The assessment concluded that 39 out of 41 (95%) NAPAs identified health as a priority sector negatively impacted by climate change. Thirty out of 41 (73%) of the NAPAs identified health interventions within their list of adaptation needs and proposed actions.
While 11% (50 out of 459) of the priority projects focused on health, only approximately 4% of the portfolio of the Least-developed Countries Fund (LDCF) funds supporting the NAPA process targeted health adaptation. Potential explanations for this lack of support for health sector adaptation include that the health community was largely absent from the NAPA process; the health sector did not submit proposals to the LDCF; and the limited technical guidance that was made available to ensure the proposals on health adaptation that were developed fulfilled minimum technical requirements.To achieve the goals of healthy people in healthy communities, it is critical that the health sector is properly represented in the NAP process.

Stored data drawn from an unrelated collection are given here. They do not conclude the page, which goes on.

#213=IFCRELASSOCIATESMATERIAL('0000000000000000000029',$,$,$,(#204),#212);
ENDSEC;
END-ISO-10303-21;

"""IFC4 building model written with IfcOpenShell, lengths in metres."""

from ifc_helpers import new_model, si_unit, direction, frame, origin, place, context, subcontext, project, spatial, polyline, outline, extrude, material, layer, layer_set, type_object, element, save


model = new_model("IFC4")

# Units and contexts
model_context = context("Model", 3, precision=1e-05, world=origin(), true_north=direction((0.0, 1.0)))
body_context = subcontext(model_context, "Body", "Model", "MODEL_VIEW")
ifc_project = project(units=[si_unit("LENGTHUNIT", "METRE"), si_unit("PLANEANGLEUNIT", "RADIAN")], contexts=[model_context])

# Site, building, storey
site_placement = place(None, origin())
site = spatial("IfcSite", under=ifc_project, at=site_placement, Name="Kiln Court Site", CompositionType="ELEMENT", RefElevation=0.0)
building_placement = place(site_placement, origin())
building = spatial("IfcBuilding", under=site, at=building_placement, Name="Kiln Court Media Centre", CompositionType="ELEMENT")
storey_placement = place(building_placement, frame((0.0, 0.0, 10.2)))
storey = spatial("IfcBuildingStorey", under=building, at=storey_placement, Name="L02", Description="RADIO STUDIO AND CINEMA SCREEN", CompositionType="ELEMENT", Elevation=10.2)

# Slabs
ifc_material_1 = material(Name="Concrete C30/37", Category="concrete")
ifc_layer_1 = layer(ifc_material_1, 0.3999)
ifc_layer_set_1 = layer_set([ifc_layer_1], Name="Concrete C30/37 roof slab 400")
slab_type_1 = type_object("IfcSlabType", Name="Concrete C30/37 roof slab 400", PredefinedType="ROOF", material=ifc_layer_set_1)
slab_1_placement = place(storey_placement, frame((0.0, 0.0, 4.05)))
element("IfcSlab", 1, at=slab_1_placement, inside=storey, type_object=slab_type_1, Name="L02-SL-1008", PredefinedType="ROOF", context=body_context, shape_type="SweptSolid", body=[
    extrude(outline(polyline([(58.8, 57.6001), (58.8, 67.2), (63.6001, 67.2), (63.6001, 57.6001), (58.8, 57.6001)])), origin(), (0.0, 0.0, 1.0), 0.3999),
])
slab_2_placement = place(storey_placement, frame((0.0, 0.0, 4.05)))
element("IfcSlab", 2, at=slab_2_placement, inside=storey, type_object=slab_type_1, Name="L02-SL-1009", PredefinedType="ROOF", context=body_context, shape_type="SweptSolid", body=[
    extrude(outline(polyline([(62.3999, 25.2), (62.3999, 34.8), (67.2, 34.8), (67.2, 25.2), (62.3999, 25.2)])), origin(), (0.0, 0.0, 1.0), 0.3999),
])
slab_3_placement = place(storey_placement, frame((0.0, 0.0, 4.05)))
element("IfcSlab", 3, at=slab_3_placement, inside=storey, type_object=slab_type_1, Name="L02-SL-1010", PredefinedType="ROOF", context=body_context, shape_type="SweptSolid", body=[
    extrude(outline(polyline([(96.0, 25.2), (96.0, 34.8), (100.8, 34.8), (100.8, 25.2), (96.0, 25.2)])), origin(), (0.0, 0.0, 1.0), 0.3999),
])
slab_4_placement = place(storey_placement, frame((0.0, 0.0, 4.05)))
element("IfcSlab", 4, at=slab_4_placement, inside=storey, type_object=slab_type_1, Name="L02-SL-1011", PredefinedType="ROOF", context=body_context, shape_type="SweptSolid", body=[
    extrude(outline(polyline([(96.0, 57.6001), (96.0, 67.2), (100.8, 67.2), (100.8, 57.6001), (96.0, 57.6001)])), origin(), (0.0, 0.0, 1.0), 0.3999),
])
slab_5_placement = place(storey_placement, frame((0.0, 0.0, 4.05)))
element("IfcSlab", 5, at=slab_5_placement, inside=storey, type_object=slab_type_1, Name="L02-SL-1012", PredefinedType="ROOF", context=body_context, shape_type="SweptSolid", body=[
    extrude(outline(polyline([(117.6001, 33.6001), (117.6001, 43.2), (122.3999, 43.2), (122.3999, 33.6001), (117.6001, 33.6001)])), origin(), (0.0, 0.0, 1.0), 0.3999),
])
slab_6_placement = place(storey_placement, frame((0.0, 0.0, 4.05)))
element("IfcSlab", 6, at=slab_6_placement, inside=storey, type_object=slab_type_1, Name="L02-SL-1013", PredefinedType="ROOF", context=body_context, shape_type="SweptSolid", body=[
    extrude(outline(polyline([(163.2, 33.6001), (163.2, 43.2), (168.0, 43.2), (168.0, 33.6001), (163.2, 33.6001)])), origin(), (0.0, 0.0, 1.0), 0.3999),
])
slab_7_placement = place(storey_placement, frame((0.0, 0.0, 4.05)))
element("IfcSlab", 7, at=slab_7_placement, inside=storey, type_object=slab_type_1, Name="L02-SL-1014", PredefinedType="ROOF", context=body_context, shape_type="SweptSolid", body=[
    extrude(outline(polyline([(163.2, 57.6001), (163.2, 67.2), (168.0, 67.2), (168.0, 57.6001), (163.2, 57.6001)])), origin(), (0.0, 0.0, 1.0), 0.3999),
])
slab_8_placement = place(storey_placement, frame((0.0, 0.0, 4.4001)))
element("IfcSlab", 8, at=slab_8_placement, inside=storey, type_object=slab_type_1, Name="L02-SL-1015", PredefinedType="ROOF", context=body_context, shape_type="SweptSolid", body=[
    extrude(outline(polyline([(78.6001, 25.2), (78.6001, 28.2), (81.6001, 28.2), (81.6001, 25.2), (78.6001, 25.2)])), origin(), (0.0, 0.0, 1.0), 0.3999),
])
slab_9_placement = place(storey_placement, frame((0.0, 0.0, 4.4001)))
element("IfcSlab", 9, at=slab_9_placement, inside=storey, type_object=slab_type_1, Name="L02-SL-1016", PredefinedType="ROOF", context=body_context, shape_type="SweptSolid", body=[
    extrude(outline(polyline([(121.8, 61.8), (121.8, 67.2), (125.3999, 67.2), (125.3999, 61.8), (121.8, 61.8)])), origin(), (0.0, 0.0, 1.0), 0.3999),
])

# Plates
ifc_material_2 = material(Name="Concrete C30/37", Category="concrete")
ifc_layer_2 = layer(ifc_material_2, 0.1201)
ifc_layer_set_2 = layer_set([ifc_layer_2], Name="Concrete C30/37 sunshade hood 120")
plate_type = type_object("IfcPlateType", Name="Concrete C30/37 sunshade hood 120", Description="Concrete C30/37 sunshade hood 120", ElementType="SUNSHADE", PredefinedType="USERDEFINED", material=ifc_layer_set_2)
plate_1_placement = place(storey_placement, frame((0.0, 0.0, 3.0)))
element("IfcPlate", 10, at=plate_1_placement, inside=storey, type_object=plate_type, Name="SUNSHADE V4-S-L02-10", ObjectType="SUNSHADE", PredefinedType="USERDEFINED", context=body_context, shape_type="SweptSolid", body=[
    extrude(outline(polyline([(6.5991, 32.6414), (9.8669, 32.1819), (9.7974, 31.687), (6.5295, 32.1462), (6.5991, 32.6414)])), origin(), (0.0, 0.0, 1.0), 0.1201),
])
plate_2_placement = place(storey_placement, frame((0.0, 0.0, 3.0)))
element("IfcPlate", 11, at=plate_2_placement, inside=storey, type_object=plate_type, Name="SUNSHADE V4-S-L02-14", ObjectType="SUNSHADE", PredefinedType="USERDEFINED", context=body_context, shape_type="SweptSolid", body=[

Not including the health sector in adaptation planning can miss critical actions to protect population health, and can result in policies and programmes in other sectors inadvertently causing or contributing to adverse health impacts, thereby also undermining efforts to protect the environment. Furthering participation of the health sector will facilitate access by the health sector to national adaptation funds made available through the LDCF, adaptation fund (AF), green climate fund (GCF), and other funds.
Coordination will also ensure that the health sector maximizes synergies and promotes health co-benefits across health determining sectors, such as energy, agriculture, housing and water. The health national adaptation process (HNAP) should be the health component of the National Adaptation Plan (NAP), including as an output a detailed health adaptation plan designed to achieve the national health adaptation goals within a specific period of time and given available resources.